Sigh. So your awesome female demon hunter is only awesome because her brother is always helping her? You fail at feminism, book.
They go to a greenhouse to find Hodge, and the place is full of awesomesauce plants, because Idris is magic and has magic plants. Even though magic is dirty and so totally Not Done By Humans. Again, this world was not handed to the author already-formed. At some point, she had to sit down and say “I want it to be full of people doing magic, therefore I’m going to create a culture in which people hate magic.” Why? Why would anyone do this?
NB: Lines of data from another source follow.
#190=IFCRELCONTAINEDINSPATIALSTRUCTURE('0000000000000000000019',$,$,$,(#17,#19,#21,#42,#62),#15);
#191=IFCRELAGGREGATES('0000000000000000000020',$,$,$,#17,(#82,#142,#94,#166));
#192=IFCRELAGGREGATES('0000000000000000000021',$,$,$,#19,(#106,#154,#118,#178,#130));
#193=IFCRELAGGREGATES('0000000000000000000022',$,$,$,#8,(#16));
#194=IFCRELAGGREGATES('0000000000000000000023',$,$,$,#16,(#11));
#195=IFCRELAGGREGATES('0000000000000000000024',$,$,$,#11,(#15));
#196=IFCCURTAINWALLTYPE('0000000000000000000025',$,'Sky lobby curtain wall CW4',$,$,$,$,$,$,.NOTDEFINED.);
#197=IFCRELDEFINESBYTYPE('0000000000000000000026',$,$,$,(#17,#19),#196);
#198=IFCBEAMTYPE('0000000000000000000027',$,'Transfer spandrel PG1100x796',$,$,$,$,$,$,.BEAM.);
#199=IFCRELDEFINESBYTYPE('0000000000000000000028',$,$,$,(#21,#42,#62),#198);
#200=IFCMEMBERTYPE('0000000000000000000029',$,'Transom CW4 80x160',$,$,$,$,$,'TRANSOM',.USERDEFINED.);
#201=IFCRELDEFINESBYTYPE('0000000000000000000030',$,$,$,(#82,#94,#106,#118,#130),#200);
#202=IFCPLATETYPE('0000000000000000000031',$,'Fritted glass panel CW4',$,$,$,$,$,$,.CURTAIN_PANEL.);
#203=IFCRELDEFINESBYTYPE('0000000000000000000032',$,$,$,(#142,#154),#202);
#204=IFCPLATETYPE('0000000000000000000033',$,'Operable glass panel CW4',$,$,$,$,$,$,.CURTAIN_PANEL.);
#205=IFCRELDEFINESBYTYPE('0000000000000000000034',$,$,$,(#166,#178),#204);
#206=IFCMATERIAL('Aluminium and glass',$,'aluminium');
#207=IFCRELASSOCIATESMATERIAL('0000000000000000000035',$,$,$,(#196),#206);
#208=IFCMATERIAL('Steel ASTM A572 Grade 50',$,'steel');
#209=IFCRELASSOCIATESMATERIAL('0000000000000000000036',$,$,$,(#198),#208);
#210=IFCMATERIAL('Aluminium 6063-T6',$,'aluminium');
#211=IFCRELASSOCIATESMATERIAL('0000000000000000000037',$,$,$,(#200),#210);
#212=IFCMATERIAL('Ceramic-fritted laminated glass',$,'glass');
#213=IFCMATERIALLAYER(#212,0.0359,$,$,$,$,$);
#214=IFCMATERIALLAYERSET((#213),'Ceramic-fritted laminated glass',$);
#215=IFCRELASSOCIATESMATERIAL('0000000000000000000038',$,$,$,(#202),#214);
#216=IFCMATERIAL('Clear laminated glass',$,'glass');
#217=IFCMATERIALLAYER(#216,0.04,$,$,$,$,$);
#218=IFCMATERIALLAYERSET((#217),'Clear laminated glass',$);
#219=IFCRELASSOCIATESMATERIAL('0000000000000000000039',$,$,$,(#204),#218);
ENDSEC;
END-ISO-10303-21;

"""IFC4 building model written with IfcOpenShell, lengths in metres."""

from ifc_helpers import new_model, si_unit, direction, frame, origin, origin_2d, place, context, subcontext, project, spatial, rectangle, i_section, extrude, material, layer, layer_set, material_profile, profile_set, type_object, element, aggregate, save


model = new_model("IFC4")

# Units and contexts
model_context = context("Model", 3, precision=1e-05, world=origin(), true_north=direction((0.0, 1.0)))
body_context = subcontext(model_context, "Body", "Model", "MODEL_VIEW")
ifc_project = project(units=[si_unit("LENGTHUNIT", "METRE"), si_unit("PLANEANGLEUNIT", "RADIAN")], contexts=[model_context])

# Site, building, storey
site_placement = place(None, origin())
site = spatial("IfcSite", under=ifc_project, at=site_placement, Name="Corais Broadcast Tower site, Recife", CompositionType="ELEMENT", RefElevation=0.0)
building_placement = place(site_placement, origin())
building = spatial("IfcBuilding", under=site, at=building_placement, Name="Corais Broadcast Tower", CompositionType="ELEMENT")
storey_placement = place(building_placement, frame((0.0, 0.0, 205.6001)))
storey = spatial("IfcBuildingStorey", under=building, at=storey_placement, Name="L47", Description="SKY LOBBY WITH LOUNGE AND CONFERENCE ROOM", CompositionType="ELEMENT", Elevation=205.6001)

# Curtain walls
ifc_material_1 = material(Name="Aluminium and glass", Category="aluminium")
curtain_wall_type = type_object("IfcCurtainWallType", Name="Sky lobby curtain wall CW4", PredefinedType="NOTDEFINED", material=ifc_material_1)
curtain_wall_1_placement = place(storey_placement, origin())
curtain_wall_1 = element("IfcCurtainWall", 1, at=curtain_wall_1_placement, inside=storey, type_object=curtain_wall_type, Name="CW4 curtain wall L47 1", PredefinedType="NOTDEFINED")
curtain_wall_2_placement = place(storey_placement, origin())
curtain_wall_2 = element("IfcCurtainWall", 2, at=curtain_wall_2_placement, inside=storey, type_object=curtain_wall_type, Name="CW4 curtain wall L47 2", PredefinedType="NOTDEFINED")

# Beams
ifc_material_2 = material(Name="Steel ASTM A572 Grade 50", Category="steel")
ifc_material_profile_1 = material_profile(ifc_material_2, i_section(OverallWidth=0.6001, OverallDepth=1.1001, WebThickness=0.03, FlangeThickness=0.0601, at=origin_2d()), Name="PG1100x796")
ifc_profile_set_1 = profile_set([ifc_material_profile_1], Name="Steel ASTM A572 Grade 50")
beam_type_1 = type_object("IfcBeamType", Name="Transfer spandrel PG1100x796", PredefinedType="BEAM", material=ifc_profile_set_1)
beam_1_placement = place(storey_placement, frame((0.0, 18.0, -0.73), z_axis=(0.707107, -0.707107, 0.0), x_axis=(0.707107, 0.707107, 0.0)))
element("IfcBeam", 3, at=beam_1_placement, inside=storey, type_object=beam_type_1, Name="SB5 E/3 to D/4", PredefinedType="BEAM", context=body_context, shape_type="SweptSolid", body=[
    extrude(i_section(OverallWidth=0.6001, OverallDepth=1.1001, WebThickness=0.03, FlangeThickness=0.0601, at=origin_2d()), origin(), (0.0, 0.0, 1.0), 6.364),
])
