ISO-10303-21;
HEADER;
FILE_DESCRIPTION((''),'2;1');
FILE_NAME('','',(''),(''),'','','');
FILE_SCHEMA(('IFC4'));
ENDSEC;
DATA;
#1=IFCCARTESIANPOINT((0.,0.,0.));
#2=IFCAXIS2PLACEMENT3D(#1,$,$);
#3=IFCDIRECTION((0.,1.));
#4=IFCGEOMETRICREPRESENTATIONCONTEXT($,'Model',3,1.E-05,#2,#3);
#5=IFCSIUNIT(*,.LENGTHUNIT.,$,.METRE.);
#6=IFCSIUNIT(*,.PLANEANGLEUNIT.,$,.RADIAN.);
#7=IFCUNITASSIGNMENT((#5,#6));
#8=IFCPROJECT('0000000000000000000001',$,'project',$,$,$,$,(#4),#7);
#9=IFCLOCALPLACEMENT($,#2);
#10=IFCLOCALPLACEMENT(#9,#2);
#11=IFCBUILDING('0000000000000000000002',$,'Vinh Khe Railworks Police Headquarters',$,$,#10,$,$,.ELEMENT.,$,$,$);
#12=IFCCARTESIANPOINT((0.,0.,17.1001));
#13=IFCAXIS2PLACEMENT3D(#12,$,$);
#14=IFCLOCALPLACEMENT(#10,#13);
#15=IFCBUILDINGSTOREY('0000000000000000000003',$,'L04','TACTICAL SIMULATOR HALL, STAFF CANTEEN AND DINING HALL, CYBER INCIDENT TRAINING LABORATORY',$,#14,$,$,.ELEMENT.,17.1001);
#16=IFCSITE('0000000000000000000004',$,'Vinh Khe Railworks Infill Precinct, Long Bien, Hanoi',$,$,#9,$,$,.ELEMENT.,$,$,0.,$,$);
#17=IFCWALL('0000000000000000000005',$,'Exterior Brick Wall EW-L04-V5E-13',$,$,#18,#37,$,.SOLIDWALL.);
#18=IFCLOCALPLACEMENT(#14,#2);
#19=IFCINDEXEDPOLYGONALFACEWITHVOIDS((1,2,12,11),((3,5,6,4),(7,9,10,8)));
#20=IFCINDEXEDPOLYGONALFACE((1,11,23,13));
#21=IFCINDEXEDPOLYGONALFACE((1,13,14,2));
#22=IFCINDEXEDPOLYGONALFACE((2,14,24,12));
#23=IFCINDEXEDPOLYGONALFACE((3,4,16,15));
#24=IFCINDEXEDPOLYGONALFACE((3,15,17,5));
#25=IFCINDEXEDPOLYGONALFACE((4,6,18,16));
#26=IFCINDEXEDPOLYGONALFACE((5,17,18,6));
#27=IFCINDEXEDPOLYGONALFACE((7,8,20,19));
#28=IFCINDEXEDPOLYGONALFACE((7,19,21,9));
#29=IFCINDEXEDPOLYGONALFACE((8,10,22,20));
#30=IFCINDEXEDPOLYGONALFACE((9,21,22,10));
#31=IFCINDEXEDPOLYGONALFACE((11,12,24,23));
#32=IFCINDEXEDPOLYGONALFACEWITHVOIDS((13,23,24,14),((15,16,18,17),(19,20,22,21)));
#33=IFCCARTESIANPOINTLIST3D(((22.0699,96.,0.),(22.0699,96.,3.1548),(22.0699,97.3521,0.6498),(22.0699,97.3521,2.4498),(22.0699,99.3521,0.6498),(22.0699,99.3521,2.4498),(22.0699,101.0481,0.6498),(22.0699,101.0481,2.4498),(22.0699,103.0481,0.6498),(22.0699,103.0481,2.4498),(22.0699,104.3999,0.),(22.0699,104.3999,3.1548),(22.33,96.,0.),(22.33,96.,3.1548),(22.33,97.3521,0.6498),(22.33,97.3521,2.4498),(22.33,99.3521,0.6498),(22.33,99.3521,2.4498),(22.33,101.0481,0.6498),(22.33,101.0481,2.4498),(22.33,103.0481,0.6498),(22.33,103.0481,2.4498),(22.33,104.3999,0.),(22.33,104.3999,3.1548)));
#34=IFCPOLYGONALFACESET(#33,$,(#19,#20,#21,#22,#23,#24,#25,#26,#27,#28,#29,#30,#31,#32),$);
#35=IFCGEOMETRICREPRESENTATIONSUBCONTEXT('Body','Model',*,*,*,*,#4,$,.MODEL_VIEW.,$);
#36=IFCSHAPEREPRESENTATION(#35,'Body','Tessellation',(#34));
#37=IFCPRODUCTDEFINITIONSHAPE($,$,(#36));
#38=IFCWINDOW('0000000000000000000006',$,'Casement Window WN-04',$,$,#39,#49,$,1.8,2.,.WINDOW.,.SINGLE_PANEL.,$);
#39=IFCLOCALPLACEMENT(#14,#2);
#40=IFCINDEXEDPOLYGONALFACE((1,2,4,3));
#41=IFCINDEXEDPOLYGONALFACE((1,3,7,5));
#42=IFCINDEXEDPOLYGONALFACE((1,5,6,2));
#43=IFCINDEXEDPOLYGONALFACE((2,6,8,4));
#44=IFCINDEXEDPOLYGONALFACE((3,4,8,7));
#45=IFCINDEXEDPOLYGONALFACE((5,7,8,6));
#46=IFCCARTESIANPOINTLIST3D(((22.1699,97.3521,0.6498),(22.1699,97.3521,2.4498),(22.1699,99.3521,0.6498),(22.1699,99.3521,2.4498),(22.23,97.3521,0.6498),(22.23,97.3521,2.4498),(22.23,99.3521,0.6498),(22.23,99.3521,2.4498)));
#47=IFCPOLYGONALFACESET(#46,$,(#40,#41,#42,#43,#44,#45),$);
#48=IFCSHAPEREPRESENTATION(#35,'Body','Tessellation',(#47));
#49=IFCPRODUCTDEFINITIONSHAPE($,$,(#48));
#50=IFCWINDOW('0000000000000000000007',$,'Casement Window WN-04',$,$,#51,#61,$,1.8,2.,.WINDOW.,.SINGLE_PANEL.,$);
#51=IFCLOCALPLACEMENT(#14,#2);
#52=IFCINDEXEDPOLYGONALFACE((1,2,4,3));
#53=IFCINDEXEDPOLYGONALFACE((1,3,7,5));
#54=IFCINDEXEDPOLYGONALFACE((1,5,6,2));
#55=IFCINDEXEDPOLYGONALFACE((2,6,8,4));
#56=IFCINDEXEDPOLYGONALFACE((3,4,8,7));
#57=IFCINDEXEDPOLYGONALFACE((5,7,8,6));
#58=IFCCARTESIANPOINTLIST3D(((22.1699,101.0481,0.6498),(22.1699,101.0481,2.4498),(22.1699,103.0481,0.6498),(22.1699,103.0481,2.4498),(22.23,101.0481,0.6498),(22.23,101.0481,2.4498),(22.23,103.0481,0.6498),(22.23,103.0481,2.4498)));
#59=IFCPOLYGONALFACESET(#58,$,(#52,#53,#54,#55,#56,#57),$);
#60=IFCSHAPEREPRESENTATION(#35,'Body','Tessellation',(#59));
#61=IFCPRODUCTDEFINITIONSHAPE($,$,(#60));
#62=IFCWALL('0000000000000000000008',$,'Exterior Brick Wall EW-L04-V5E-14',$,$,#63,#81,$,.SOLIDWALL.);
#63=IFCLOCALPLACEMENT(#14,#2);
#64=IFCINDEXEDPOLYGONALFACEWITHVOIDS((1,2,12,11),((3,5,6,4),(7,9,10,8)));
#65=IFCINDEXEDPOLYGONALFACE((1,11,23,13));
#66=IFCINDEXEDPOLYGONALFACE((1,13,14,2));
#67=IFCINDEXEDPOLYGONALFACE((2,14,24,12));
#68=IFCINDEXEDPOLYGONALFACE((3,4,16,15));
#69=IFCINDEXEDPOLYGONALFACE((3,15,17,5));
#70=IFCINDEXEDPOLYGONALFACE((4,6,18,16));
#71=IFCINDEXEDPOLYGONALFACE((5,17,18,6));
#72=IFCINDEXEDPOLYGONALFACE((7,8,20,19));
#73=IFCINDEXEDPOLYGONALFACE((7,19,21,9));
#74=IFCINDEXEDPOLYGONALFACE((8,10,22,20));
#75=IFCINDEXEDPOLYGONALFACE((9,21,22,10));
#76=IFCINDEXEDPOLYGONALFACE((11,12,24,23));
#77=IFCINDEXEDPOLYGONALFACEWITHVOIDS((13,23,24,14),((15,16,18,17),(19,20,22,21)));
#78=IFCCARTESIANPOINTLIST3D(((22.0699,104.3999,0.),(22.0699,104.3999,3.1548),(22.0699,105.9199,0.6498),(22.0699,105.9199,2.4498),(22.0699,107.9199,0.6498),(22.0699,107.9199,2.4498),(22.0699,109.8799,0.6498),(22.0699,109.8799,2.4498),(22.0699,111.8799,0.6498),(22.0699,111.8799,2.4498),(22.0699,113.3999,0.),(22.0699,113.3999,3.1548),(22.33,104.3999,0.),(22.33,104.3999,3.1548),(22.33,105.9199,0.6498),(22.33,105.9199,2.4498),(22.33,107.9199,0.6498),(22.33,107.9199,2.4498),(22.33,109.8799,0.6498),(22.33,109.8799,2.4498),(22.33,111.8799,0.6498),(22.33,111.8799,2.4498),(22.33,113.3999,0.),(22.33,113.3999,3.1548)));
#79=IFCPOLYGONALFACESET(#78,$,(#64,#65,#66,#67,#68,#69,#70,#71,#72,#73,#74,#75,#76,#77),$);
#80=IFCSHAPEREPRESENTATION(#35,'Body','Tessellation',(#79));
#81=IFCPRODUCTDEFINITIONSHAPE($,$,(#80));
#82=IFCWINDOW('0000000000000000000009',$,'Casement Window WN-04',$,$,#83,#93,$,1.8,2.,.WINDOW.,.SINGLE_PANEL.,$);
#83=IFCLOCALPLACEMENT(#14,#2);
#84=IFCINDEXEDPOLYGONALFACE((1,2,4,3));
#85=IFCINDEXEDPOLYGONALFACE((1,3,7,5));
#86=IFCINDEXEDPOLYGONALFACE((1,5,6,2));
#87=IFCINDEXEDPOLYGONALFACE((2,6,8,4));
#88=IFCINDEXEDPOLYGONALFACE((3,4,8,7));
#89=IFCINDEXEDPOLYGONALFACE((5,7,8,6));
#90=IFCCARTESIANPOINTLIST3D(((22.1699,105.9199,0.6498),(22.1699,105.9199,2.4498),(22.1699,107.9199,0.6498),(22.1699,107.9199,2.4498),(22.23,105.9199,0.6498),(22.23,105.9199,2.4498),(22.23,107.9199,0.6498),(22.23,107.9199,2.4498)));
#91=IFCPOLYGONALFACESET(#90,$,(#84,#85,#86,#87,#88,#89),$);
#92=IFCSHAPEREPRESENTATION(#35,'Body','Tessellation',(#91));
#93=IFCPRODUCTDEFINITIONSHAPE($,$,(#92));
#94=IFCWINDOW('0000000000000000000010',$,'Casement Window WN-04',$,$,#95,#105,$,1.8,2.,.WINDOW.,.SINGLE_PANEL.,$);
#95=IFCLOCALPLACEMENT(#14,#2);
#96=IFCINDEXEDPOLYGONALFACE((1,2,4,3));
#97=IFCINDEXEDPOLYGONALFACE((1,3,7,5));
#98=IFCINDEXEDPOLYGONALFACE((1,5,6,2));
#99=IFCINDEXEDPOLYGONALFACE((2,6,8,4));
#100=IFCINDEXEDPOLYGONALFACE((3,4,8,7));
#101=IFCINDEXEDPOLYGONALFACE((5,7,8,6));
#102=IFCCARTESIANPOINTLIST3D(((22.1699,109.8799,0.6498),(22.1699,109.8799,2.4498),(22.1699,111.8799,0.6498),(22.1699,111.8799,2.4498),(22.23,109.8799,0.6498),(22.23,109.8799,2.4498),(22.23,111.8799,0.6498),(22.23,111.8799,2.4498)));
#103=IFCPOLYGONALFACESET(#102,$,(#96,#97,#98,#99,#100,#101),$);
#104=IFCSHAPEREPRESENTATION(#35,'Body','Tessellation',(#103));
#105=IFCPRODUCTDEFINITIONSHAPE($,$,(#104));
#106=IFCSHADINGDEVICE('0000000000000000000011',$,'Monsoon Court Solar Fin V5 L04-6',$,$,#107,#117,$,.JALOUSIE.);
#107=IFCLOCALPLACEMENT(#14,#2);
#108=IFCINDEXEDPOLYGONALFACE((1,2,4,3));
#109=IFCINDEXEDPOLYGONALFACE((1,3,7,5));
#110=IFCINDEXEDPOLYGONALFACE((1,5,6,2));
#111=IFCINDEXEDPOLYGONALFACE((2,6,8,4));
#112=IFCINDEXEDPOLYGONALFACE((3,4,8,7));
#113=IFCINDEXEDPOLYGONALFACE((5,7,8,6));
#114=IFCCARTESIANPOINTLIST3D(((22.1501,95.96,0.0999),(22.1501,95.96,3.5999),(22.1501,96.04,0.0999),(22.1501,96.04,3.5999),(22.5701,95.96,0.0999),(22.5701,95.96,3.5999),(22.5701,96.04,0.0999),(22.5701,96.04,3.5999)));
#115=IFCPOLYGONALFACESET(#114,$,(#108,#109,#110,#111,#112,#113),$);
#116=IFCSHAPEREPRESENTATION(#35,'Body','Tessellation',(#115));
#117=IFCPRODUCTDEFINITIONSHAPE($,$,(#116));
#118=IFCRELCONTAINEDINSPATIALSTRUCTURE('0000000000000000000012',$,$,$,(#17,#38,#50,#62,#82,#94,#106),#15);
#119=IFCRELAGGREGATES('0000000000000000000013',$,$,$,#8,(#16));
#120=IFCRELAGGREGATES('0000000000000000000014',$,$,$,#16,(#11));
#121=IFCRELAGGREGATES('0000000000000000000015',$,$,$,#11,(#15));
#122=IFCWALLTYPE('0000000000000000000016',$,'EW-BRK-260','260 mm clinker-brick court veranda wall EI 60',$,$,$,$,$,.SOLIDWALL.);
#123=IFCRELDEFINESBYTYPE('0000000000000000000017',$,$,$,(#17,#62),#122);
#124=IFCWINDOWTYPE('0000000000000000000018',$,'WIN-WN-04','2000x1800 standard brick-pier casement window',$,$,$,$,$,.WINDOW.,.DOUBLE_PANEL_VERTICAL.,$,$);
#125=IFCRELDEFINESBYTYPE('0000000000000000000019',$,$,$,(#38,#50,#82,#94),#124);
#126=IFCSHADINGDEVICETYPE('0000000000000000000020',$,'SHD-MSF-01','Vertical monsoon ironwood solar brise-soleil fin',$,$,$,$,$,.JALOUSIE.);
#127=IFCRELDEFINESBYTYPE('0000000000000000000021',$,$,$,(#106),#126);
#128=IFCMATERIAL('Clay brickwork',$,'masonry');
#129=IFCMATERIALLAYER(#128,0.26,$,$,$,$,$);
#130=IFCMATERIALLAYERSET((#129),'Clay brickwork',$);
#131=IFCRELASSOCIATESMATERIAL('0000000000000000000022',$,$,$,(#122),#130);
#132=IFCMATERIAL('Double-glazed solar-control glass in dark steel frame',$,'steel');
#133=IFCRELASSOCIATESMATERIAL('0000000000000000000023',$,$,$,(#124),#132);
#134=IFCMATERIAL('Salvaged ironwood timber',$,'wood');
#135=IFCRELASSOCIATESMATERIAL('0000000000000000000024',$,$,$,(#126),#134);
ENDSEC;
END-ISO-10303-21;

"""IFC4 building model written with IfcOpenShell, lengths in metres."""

from ifc_helpers import new_model, si_unit, direction, frame, frame_2d, origin, origin_2d, place, context, subcontext, project, spatial, rectangle, extrude, material, layer, layer_set, type_object, element, fill, save


model = new_model("IFC4")

# Units and contexts
model_context = context("Model", 3, precision=1e-05, world=origin(), true_north=direction((0.0, 1.0)))
body_context = subcontext(model_context, "Body", "Model", "MODEL_VIEW")
ifc_project = project(units=[si_unit("LENGTHUNIT", "METRE"), si_unit("PLANEANGLEUNIT", "RADIAN")], contexts=[model_context])

# Site, building, storey
site_placement = place(None, origin())
site = spatial("IfcSite", under=ifc_project, at=site_placement, Name="Vinh Khe Railworks Infill Precinct, Long Bien, Hanoi", CompositionType="ELEMENT", RefElevation=0.0)
building_placement = place(site_placement, origin())
building = spatial("IfcBuilding", under=site, at=building_placement, Name="Vinh Khe Railworks Police Headquarters", CompositionType="ELEMENT")
storey_placement = place(building_placement, frame((0.0, 0.0, 17.1001)))
storey = spatial("IfcBuildingStorey", under=building, at=storey_placement, Name="L04", Description="TACTICAL SIMULATOR HALL, STAFF CANTEEN AND DINING HALL, CYBER INCIDENT TRAINING LABORATORY", CompositionType="ELEMENT", Elevation=17.1001)

# Walls, openings, windows
ifc_material_1 = material(Name="Clay brickwork", Category="masonry")
ifc_layer = layer(ifc_material_1, 0.26)
ifc_layer_set = layer_set([ifc_layer], Name="Clay brickwork")
wall_type = type_object("IfcWallType", Name="EW-BRK-260", Description="260 mm clinker-brick court veranda wall EI 60", PredefinedType="SOLIDWALL", material=ifc_layer_set)
wall_1_placement = place(storey_placement, frame((22.2, 96.0, 0.0), z_axis=(0.0, 0.0, 1.0), x_axis=(0.0, 1.0, 0.0)))
wall_1 = element("IfcWall", 1, at=wall_1_placement, inside=storey, type_object=wall_type, Name="Exterior Brick Wall EW-L04-V5E-13", PredefinedType="SOLIDWALL", context=body_context, shape_type="SweptSolid", body=[
    extrude(rectangle(XDim=8.3999, YDim=0.26, at=frame_2d((4.2, 0.0))), origin(), (0.0, 0.0, 1.0), 3.1548),
])
opening_1_placement = place(wall_1_placement, frame((1.3521, 0.0, 0.6499)))
opening_1 = element("IfcOpeningElement", 2, at=opening_1_placement, cuts=wall_1, PredefinedType="OPENING", context=body_context, shape_type="SweptSolid", body=[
And don’t try and tell me those plants aren’t magical. They ‘only grow in Idris,’ and as we know Idris is a tiny country between France and Germany. Biology doesn’t work like that. Plants don’t stop growing at a country border unless something magical or man-made stops them from doing so.
They find Hodge and tell him everything that happened. He says something about a circle is rising. Hodge then goes on to explain that the Circle was the name of Valentine’s followers, and they planned to kill all the fairies by starting a war between them and the hunters. Also, Hodge used to be a member, and so did Jocelyn. Clary gets all offended at the thought that her mother was a bigot, and then Hodge drops another bombshell: Jocelyn was married to Valentine.
(Wait a minute, just a few chapters ago, wasn’t Hodge uber-confused along with the rest of them about why Clary and her mother would be attacked?)